Pero  vamos  por  partes.  La  importancia  de  las  elecciones  regionales  del  domingo  radica en que los alcaldes y gobernadores elegidos son quienes, a partir del primero  de enero del próximo año, están llamados a poner en marcha en todos los rincones del  país lo que se acuerde en La Habana entre el gobierno y la guerrilla de las FARC. Eso si  el proceso para finalizar el  conflicto armado interno de más de 50 años llega a feliz  término en seis meses, como lo sugirieron ambas partes a inicios de octubre.

Por eso estas elecciones no son un asunto menor, porque hasta hace unas semanas el  panorama no era nada fácil para Santos y su Unidad Nacional: la coalición de gobierno  integrada por varios partidos en torno a la paz. Por un lado, en la memoria de muchos  colombianos sigue fresco el recuerdo del riesgo que sufrió su reelección hace un año  cuando perdió en primera vuelta con Óscar Iván Zuluaga, el candidato uribista que le  sacó poco más de 450 mil votos de diferencia. En segunda vuelta, Santos logró voltear  el marcador gracias al apoyo de la izquierda. 

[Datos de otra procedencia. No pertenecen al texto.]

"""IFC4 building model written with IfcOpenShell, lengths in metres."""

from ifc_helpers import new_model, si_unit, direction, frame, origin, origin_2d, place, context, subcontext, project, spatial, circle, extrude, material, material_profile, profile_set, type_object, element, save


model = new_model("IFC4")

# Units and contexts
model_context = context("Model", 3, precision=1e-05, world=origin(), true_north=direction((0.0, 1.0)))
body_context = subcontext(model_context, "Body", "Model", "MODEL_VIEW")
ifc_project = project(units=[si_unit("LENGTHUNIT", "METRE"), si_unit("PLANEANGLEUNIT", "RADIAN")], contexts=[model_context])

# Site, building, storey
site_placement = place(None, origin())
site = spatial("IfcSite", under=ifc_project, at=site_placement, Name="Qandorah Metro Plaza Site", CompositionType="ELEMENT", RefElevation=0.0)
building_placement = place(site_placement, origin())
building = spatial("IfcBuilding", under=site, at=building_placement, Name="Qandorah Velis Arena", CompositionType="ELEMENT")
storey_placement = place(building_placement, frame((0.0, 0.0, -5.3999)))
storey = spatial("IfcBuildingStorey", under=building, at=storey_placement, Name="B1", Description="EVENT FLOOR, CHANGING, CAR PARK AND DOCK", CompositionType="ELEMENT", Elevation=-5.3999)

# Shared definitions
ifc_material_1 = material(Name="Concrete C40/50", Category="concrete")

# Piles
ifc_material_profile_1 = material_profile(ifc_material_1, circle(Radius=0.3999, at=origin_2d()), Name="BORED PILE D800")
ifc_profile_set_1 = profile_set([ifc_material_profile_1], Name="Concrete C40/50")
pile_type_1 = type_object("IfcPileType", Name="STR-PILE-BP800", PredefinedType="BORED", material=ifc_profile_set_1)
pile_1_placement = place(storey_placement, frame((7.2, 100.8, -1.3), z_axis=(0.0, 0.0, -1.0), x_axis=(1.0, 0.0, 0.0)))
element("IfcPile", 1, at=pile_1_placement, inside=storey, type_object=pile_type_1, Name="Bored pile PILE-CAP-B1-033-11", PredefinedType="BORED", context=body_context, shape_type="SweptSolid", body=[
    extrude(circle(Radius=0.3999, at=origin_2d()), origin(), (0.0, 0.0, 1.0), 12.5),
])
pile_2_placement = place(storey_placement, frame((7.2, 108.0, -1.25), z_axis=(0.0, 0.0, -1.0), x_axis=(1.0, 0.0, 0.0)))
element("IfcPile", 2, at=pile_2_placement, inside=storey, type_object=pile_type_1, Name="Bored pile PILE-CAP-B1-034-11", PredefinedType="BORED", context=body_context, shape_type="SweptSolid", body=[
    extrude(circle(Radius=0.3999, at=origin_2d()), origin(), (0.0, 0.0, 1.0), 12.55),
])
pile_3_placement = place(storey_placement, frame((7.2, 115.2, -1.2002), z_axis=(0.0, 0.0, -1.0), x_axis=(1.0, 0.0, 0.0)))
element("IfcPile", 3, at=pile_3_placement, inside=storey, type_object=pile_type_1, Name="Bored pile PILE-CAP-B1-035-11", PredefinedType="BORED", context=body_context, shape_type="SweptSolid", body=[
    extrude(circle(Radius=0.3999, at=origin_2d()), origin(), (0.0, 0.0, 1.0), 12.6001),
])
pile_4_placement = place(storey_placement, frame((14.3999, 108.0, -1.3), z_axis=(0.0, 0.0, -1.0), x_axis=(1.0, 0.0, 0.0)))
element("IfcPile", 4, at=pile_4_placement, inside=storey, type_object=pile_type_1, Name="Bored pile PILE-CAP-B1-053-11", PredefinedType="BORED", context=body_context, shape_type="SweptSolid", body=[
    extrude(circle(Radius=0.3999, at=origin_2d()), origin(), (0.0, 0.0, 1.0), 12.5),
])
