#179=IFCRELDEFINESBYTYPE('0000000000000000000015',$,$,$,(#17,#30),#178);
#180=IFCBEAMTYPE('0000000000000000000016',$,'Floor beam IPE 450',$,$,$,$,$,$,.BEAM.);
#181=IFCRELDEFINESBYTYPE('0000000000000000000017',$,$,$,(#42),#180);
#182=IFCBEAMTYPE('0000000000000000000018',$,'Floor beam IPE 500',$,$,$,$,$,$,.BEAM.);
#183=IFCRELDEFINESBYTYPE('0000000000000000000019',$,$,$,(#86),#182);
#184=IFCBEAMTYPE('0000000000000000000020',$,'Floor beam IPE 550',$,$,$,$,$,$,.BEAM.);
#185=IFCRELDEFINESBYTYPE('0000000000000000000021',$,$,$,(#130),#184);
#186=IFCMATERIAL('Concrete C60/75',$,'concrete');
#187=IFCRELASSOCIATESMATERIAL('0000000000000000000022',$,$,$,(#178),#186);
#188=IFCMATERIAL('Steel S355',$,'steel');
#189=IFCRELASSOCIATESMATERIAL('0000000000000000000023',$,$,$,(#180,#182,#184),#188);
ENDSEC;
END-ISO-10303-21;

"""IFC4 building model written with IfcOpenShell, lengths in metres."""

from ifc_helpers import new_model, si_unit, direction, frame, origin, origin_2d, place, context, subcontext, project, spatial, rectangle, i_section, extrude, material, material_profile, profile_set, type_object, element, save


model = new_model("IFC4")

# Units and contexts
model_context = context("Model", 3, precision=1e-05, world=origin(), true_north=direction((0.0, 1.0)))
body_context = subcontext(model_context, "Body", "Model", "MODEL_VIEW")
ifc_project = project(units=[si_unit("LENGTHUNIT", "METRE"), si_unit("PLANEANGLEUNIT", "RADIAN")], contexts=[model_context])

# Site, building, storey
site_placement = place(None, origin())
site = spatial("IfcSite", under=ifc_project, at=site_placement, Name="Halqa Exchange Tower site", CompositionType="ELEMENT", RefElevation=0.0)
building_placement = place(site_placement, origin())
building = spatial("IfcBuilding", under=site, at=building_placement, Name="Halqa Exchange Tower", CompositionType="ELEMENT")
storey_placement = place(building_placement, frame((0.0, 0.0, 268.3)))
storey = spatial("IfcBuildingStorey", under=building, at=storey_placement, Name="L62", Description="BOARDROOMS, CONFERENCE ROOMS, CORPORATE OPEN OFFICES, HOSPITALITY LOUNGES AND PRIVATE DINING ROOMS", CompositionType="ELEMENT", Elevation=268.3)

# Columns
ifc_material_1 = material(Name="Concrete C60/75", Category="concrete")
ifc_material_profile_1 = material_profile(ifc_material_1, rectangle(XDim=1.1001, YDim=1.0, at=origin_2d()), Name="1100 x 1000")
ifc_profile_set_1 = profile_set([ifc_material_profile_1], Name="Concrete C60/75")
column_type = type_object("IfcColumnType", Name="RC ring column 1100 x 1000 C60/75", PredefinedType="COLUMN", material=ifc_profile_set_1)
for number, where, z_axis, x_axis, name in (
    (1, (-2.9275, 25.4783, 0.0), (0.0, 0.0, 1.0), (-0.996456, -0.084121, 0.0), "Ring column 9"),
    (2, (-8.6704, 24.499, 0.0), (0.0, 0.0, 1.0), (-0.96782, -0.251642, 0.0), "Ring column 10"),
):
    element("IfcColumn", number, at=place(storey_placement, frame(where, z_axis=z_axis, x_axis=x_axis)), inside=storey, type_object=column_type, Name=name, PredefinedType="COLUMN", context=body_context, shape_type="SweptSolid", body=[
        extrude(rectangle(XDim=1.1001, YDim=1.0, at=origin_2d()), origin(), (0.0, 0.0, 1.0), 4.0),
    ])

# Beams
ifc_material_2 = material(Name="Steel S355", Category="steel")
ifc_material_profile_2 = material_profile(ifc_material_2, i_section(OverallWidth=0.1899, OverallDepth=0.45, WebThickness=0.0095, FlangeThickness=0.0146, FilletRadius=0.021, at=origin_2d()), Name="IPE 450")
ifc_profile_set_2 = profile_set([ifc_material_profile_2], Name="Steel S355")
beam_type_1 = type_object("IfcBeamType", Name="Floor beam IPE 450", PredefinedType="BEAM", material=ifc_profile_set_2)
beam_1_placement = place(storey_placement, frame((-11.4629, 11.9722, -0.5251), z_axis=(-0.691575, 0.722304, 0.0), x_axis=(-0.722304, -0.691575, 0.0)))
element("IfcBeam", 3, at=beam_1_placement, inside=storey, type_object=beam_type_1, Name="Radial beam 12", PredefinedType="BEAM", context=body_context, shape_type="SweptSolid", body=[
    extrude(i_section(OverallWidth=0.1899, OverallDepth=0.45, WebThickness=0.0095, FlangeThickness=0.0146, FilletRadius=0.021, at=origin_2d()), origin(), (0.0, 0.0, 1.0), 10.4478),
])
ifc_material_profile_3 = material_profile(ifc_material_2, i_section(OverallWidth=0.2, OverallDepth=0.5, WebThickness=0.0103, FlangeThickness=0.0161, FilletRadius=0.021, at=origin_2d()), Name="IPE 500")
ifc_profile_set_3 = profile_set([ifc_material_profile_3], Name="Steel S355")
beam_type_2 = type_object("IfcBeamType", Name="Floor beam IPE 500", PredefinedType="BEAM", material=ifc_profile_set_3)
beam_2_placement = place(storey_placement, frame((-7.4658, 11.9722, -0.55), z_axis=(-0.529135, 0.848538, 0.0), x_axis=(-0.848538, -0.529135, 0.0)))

Si  bien  el  presidente  terminó  ganando  con  7.8  millones  de  votos  ‐un  millón  por  encima  de  su  rival‐,  los  resultados  demostraron  que  una  gran  porción  de  los  colombianos tenía profundas  resistencias frente al proceso de paz, que las ideas del  expresidente Uribe  seguían teniendo eco en buena parte del país y que esa  realidad  política  podría  significar  a  futuro  un  enorme  palo  en  la  rueda  de  los  eventuales  acuerdos de La Habana.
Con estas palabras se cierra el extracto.